Enhancing the selectivity and conditional sensitivity of an antimicrobial peptide through cleavage simulations and homoarginine incorporation to combat drug-resistant bacteria.

Antimicrobial peptides (AMPs) are considered one of the most promising new antimicrobial agents to combat antibiotic resistance and have garnered significant attention over the past few decades. However, their development has been hindered by high manufacturing costs, toxicity, and poor enzyme tolerance. In this study, we employed bioinformatics tools to simulate the trypsin cleavage of Esculentin-2P (E2P), a frog-derived AMP with 37 amino acids and performed functional screening to identify its effective active fragments. Building on the best derivative, des-(Asp20-Cys37)-E2P, which demonstrated considerable antimicrobial activity, minimal haemolysis, and low cytotoxicity, we introduced the naturally occurring antimicrobial amino acid homo-arginine for further modification. The results showed that the derivate, [hArg]-des-(Asp20-Cys37)-E2P, not only optimised the antimicrobial activity of des-(Asp-Cys)-E2P but also exhibited lower toxicity with a selectivity index of 40.6, improved tolerance to variable environments such as salts, heat, and trypsin, and a reduced likelihood of resistance development. Mechanism studies revealed that the peptide exerts its bactericidal effects by disrupting the bacterial membrane. Additionally, it demonstrated strong therapeutic efficacy in treating Galleria mellonella models infected with drug-resistant Escherichia coli.
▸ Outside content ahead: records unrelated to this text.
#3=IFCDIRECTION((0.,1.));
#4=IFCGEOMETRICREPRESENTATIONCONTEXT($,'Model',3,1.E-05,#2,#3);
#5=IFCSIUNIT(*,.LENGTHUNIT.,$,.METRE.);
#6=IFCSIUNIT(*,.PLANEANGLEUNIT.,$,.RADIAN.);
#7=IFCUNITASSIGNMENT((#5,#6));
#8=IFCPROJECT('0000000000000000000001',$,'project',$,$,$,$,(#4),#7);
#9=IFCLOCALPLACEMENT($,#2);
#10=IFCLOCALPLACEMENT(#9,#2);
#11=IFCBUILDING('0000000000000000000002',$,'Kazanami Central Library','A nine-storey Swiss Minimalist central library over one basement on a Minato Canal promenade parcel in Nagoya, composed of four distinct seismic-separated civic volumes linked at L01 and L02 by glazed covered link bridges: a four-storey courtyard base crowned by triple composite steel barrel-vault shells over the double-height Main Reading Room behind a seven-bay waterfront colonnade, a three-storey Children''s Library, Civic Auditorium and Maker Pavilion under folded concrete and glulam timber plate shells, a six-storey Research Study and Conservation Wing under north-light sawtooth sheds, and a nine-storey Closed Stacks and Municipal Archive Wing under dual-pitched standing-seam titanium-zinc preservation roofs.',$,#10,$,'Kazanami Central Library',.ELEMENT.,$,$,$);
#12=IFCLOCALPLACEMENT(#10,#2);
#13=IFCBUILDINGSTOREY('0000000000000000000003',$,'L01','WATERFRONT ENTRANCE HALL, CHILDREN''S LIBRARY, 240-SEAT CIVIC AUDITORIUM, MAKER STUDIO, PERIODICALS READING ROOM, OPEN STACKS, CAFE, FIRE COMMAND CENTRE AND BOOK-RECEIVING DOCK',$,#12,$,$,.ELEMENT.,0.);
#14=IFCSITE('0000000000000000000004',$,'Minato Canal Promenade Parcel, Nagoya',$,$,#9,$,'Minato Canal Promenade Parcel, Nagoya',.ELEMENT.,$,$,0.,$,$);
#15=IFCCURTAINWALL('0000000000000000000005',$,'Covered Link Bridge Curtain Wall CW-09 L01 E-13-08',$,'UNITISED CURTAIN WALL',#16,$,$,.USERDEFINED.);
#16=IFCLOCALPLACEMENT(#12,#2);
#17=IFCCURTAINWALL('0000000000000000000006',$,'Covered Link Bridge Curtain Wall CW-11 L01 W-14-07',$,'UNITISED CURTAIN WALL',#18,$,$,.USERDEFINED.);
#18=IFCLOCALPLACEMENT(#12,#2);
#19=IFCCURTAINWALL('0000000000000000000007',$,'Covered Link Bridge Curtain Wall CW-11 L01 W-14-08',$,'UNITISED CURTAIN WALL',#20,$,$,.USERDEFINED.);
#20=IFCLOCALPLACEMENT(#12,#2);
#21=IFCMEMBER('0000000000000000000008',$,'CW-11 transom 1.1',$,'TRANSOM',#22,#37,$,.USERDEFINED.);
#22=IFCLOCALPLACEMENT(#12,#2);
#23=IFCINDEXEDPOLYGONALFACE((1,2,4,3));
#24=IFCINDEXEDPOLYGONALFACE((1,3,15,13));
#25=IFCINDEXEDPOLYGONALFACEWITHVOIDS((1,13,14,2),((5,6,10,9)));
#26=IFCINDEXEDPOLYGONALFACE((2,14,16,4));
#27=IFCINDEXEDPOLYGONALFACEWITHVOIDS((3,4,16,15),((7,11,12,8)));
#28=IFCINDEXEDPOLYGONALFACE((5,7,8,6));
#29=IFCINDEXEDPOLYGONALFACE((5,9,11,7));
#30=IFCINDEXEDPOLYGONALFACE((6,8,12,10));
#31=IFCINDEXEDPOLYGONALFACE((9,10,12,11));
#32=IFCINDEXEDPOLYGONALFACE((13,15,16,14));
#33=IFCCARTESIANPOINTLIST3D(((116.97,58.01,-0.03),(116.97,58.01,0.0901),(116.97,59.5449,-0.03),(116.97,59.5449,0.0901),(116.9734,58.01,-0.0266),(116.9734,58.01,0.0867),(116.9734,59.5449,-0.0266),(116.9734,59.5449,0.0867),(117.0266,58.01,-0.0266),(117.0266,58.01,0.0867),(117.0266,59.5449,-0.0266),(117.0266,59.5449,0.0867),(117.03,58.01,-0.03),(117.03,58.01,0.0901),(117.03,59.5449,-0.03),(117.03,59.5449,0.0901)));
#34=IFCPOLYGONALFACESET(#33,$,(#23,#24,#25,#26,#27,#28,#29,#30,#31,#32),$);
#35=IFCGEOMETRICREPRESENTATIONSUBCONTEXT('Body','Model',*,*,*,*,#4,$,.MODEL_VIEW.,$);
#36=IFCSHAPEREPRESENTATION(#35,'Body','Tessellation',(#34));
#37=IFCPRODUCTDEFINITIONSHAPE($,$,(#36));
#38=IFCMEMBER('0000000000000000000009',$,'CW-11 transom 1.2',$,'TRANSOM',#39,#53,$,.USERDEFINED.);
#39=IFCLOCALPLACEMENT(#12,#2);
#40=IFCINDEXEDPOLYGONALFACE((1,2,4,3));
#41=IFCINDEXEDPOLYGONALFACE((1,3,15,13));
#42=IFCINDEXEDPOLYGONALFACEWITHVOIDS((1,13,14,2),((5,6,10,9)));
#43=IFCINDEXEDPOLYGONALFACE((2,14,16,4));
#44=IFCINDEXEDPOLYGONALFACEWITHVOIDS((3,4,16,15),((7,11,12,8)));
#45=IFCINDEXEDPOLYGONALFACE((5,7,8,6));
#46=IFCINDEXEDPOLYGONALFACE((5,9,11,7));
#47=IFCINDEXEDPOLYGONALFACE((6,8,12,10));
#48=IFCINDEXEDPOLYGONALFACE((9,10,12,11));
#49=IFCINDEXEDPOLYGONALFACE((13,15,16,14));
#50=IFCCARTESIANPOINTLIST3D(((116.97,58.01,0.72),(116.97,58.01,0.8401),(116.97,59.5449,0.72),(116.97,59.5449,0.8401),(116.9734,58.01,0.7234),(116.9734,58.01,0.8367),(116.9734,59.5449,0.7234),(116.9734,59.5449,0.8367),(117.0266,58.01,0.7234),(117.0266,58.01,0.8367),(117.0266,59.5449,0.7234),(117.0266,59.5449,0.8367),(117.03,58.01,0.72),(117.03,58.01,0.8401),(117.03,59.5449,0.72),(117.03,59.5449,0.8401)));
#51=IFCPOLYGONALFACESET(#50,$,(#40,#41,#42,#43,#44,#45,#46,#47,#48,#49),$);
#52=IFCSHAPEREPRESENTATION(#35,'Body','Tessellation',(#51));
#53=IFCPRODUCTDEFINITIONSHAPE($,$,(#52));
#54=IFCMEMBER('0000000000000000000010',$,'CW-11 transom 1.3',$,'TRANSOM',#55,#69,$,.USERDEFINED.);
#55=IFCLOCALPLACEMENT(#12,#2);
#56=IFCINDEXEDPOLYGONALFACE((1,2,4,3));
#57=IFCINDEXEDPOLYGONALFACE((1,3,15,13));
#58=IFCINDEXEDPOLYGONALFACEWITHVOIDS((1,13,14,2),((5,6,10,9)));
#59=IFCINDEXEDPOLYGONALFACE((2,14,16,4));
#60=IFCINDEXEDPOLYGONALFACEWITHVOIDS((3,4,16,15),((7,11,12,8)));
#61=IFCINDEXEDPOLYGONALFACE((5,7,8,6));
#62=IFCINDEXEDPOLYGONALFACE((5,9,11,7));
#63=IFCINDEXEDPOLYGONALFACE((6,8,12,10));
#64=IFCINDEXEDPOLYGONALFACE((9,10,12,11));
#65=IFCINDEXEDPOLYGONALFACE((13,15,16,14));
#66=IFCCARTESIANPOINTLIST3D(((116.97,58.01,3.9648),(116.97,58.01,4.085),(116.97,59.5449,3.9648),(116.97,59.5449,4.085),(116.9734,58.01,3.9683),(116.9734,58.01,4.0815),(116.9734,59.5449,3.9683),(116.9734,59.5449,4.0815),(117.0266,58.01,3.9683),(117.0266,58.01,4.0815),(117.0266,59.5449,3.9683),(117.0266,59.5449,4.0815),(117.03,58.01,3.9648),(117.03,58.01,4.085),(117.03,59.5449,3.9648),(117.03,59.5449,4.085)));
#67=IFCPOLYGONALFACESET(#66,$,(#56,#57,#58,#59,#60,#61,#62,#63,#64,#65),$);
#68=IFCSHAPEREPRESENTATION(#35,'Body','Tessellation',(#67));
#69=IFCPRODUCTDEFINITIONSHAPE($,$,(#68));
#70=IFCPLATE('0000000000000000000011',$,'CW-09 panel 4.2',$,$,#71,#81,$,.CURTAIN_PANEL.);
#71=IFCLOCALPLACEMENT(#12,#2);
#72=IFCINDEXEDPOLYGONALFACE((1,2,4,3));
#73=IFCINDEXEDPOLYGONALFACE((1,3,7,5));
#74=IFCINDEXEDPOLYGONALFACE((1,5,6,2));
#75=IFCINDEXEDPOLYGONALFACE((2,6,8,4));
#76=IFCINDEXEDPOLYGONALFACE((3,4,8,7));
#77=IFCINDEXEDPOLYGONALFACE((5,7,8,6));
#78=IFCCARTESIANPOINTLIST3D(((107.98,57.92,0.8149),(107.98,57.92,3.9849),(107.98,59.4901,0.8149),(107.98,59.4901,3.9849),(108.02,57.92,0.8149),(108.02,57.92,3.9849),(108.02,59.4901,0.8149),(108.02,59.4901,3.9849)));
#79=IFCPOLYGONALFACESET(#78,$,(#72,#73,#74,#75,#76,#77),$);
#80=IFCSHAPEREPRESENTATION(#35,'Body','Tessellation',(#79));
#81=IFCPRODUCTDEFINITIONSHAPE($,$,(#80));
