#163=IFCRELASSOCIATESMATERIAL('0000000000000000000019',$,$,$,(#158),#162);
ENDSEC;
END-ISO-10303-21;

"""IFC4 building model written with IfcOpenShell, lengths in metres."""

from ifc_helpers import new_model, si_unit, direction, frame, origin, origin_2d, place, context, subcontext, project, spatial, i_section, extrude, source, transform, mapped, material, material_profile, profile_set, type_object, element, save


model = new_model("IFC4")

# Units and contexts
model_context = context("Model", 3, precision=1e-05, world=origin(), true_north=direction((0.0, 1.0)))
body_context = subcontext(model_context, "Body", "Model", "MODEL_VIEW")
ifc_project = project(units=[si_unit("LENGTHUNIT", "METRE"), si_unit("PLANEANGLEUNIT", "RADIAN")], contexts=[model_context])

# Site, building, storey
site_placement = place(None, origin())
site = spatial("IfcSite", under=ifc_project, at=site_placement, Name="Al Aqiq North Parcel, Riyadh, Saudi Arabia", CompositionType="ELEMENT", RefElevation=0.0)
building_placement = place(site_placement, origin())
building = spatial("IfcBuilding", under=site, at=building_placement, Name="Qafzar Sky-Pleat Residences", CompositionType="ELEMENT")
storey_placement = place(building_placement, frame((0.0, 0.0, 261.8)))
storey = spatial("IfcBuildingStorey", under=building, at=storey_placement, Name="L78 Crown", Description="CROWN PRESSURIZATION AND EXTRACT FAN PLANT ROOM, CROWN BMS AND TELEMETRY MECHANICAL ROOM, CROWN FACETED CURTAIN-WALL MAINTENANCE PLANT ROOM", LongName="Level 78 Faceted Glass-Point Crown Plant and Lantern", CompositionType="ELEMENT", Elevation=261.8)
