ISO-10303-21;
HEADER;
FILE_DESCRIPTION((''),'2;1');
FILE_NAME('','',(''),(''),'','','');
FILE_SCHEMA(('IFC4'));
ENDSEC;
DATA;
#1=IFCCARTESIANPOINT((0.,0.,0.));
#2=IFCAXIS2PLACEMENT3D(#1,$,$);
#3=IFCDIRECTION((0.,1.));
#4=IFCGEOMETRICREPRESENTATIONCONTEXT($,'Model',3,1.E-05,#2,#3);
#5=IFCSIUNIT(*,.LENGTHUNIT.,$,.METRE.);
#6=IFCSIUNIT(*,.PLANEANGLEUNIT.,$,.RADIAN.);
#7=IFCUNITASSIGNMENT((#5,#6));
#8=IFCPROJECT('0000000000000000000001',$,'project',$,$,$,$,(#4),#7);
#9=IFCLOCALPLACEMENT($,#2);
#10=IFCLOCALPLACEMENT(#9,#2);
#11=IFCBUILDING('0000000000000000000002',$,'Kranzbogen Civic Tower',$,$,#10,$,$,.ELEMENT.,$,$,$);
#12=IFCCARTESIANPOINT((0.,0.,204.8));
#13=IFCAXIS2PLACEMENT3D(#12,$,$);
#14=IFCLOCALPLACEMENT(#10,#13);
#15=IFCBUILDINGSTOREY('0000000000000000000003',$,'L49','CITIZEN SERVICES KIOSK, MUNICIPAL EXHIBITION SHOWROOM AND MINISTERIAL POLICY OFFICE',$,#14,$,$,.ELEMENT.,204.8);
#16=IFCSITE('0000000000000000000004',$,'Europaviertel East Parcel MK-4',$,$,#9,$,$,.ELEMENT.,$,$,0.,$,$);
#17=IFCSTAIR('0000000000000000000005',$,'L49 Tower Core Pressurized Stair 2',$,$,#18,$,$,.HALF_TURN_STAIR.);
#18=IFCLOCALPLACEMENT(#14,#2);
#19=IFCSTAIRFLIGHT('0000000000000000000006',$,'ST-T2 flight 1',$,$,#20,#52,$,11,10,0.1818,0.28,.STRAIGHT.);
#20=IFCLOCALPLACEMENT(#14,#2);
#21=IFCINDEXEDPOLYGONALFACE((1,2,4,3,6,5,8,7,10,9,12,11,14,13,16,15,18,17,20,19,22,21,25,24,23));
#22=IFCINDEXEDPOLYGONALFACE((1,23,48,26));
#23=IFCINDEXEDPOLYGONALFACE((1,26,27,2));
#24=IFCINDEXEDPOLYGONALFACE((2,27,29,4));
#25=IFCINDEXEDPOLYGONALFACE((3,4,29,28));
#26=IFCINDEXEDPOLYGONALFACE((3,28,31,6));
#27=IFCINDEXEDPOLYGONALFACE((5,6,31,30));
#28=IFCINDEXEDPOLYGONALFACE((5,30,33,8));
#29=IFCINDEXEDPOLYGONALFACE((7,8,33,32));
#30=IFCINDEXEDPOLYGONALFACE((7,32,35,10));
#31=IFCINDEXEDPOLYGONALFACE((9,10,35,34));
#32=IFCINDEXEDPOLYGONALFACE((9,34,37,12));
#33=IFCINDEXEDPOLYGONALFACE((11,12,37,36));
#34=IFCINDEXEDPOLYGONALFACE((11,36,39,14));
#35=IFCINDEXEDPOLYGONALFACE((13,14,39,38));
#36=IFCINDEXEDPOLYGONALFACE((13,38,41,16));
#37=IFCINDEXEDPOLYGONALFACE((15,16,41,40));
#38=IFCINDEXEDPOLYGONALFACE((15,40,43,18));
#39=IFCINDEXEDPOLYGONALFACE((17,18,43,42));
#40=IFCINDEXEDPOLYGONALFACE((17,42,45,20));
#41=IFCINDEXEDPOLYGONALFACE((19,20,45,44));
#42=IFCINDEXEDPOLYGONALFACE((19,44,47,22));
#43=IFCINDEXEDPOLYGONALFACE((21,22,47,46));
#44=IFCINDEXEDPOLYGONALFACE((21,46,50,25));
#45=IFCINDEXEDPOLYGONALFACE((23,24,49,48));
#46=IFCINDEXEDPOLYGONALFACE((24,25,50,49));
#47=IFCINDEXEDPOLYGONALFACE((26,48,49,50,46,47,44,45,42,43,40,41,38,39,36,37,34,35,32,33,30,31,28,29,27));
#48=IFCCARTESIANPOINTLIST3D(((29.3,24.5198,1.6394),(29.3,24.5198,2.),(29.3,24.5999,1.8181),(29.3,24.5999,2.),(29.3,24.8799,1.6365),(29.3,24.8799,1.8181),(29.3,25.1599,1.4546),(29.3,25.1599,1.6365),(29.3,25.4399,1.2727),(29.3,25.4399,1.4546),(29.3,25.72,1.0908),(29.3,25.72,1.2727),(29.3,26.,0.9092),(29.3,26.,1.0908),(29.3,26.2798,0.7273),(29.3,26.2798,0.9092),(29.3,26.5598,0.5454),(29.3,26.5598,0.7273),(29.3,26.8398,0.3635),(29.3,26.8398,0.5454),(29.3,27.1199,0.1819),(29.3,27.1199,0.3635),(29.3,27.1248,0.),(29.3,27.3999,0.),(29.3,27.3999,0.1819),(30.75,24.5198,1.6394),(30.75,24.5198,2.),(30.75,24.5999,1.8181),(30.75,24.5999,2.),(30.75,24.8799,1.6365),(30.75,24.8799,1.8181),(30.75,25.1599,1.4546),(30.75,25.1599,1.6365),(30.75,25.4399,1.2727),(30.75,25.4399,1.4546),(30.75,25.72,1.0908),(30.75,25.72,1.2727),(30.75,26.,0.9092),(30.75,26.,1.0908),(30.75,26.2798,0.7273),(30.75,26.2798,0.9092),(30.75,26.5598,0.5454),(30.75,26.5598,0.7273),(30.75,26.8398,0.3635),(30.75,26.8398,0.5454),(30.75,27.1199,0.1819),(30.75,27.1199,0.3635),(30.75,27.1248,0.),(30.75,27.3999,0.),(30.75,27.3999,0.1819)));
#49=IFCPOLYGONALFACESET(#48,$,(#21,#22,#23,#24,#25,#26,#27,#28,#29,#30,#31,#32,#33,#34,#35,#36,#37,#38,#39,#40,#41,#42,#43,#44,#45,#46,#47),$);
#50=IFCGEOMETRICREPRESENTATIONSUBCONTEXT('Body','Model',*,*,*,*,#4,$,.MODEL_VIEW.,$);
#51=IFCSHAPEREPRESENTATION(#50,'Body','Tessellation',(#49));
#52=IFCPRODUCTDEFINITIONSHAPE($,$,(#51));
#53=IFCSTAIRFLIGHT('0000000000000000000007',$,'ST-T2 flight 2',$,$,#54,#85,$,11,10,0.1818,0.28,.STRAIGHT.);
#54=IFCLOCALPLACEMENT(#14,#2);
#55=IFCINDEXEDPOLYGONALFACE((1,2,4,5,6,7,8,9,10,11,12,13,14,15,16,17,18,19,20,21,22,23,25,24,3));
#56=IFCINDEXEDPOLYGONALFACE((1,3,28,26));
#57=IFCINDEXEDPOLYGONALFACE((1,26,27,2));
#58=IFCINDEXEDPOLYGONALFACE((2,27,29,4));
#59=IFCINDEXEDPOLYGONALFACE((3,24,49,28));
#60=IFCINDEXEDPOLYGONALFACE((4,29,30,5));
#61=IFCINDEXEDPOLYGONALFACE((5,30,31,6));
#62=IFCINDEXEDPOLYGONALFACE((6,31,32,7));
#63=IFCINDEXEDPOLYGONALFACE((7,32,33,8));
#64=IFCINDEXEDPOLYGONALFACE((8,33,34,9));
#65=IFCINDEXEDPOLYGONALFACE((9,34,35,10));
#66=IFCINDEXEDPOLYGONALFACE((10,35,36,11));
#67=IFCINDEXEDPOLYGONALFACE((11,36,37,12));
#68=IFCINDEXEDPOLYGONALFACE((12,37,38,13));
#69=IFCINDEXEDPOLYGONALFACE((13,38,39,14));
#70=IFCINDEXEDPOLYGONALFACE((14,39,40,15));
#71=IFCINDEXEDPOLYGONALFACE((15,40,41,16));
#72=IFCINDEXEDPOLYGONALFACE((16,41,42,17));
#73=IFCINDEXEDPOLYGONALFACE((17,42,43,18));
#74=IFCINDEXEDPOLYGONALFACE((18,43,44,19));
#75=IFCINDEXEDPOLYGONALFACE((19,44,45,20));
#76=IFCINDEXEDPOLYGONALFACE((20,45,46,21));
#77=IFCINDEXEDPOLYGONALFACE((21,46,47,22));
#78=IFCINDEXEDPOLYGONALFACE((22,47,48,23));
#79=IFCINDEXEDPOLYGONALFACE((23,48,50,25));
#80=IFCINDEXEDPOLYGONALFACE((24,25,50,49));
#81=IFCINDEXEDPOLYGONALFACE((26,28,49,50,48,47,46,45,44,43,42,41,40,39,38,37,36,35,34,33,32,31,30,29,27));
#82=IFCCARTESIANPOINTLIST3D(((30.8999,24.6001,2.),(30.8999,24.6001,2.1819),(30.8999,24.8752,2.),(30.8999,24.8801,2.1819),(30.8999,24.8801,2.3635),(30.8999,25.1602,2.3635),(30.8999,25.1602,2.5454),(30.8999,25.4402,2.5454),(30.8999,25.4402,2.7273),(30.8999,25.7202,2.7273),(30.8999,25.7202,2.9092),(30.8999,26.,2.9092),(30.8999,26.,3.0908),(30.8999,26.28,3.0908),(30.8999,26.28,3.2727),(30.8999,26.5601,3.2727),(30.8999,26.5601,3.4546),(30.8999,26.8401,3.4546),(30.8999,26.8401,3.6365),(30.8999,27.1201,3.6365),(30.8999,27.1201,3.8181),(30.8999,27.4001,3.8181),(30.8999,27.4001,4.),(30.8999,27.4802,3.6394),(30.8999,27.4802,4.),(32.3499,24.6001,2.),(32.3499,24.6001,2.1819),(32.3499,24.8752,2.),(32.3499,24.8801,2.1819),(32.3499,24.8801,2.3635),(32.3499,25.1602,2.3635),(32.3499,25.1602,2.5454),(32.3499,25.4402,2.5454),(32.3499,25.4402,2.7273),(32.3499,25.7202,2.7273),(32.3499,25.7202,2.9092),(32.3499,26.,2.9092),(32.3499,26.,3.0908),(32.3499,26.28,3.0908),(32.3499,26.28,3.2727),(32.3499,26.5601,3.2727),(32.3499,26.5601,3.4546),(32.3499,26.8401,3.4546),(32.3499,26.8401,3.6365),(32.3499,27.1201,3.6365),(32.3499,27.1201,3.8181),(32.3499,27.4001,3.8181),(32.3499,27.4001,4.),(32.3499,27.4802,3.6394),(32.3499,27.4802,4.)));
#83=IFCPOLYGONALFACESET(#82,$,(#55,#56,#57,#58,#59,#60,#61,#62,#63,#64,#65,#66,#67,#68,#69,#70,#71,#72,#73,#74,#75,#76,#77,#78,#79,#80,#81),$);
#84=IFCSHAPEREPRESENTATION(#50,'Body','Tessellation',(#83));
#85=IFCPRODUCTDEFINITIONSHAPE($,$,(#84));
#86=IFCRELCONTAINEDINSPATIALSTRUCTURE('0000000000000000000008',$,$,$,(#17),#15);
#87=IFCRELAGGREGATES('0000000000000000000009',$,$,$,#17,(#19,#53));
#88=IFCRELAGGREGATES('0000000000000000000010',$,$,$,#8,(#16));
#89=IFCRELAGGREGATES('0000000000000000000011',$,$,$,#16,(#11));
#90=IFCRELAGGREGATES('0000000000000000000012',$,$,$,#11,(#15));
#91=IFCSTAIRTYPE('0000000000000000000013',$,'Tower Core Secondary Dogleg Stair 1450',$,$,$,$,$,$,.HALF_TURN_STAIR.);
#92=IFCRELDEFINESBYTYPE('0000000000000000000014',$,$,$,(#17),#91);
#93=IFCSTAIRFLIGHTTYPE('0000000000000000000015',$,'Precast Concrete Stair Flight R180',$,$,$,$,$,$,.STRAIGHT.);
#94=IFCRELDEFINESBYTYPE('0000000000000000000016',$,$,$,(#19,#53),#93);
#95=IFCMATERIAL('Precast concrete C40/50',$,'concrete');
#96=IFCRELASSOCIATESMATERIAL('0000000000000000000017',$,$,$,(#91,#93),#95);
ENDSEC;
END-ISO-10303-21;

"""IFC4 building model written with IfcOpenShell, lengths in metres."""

from ifc_helpers import new_model, si_unit, direction, frame, origin, place, context, subcontext, project, spatial, polyline, outline, extrude, material, type_object, element, aggregate, save


model = new_model("IFC4")

# Units and contexts
model_context = context("Model", 3, precision=1e-05, world=origin(), true_north=direction((0.0, 1.0)))
body_context = subcontext(model_context, "Body", "Model", "MODEL_VIEW")
ifc_project = project(units=[si_unit("LENGTHUNIT", "METRE"), si_unit("PLANEANGLEUNIT", "RADIAN")], contexts=[model_context])

# Site, building, storey
site_placement = place(None, origin())
site = spatial("IfcSite", under=ifc_project, at=site_placement, Name="Europaviertel East Parcel MK-4", CompositionType="ELEMENT", RefElevation=0.0)
building_placement = place(site_placement, origin())
building = spatial("IfcBuilding", under=site, at=building_placement, Name="Kranzbogen Civic Tower", CompositionType="ELEMENT")
storey_placement = place(building_placement, frame((0.0, 0.0, 204.8)))
storey = spatial("IfcBuildingStorey", under=building, at=storey_placement, Name="L49", Description="CITIZEN SERVICES KIOSK, MUNICIPAL EXHIBITION SHOWROOM AND MINISTERIAL POLICY OFFICE", CompositionType="ELEMENT", Elevation=204.8)

# Stair, stair flights
ifc_material_1 = material(Name="Precast concrete C40/50", Category="concrete")
stair_type = type_object("IfcStairType", Name="Tower Core Secondary Dogleg Stair 1450", PredefinedType="HALF_TURN_STAIR", material=ifc_material_1)
stair_placement = place(storey_placement, origin())
stair = element("IfcStair", 1, at=stair_placement, inside=storey, type_object=stair_type, Name="L49 Tower Core Pressurized Stair 2", PredefinedType="HALF_TURN_STAIR")
stair_flight_type = type_object("IfcStairFlightType", Name="Precast Concrete Stair Flight R180", PredefinedType="STRAIGHT", material=ifc_material_1)
stair_flight_1_placement = place(storey_placement, frame((30.0249, 27.3999, 0.0), z_axis=(0.0, 0.0, 1.0), x_axis=(0.0, -1.0, 0.0)))
stair_flight_1 = element("IfcStairFlight", 2, at=stair_flight_1_placement, type_object=stair_flight_type, Name="ST-T2 flight 1", NumberOfRisers=11, NumberOfTreads=10, PredefinedType="STRAIGHT", RiserHeight=0.1818, TreadLength=0.28, context=body_context, shape_type="SweptSolid", body=[
    extrude(outline(polyline([(0.0, 0.0), (0.0, 0.1819), (0.28, 0.1819), (0.28, 0.3635), (0.5601, 0.3635), (0.5601, 0.5454), (0.8401, 0.5454), (0.8401, 0.7273), (1.1201, 0.7273), (1.1201, 0.9092), (1.3999, 0.9092), (1.3999, 1.0908), (1.6799, 1.0908), (1.6799, 1.2727), (1.96, 1.2727), (1.96, 1.4546), (2.24, 1.4546), (2.24, 1.6365), (2.52, 1.6365), (2.52, 1.8181), (2.8, 1.8181), (2.8, 2.0), (2.8801, 2.0), (2.8801, 1.6394), (0.2751, 0.0), (0.0, 0.0)])), frame((0.0, 0.7251, 0.0), z_axis=(0.0, -1.0, 0.0), x_axis=(1.0, 0.0, 0.0)), (0.0, 0.0, 1.0), 1.45),
])
stair_flight_2_placement = place(storey_placement, frame((31.625, 24.6001, 2.0), z_axis=(0.0, 0.0, 1.0), x_axis=(0.0, 1.0, 0.0)))
stair_flight_2 = element("IfcStairFlight", 3, at=stair_flight_2_placement, type_object=stair_flight_type, Name="ST-T2 flight 2", NumberOfRisers=11, NumberOfTreads=10, PredefinedType="STRAIGHT", RiserHeight=0.1818, TreadLength=0.28, context=body_context, shape_type="SweptSolid", body=[
    extrude(outline(polyline([(0.0, 0.0), (0.0, 0.1819), (0.28, 0.1819), (0.28, 0.3635), (0.5601, 0.3635), (0.5601, 0.5454), (0.8401, 0.5454), (0.8401, 0.7273), (1.1201, 0.7273), (1.1201, 0.9092), (1.3999, 0.9092), (1.3999, 1.0908), (1.6799, 1.0908), (1.6799, 1.2727), (1.96, 1.2727), (1.96, 1.4546), (2.24, 1.4546), (2.24, 1.6365), (2.52, 1.6365), (2.52, 1.8181), (2.8, 1.8181), (2.8, 2.0), (2.8801, 2.0), (2.8801, 1.6394), (0.2751, 0.0), (0.0, 0.0)])), frame((0.0, 0.7251, 0.0), z_axis=(0.0, -1.0, 0.0), x_axis=(1.0, 0.0, 0.0)), (0.0, 0.0, 1.0), 1.45),
])
aggregate(stair, [stair_flight_1, stair_flight_2])

save(model, "model.ifc")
These results suggest that [hArg]-des-(Asp20-Cys37)-E2P held great promise as a novel antimicrobial candidate against resistant pathogens. The cleavage-mimic truncation strategy, combined with the incorporation of homo-arginine, offers valuable insights for developing potent, shorter AMPs with enhanced therapeutic potential. This approach may help address some key challenges in peptide-drug development, paving the way for more effective antimicrobial therapies.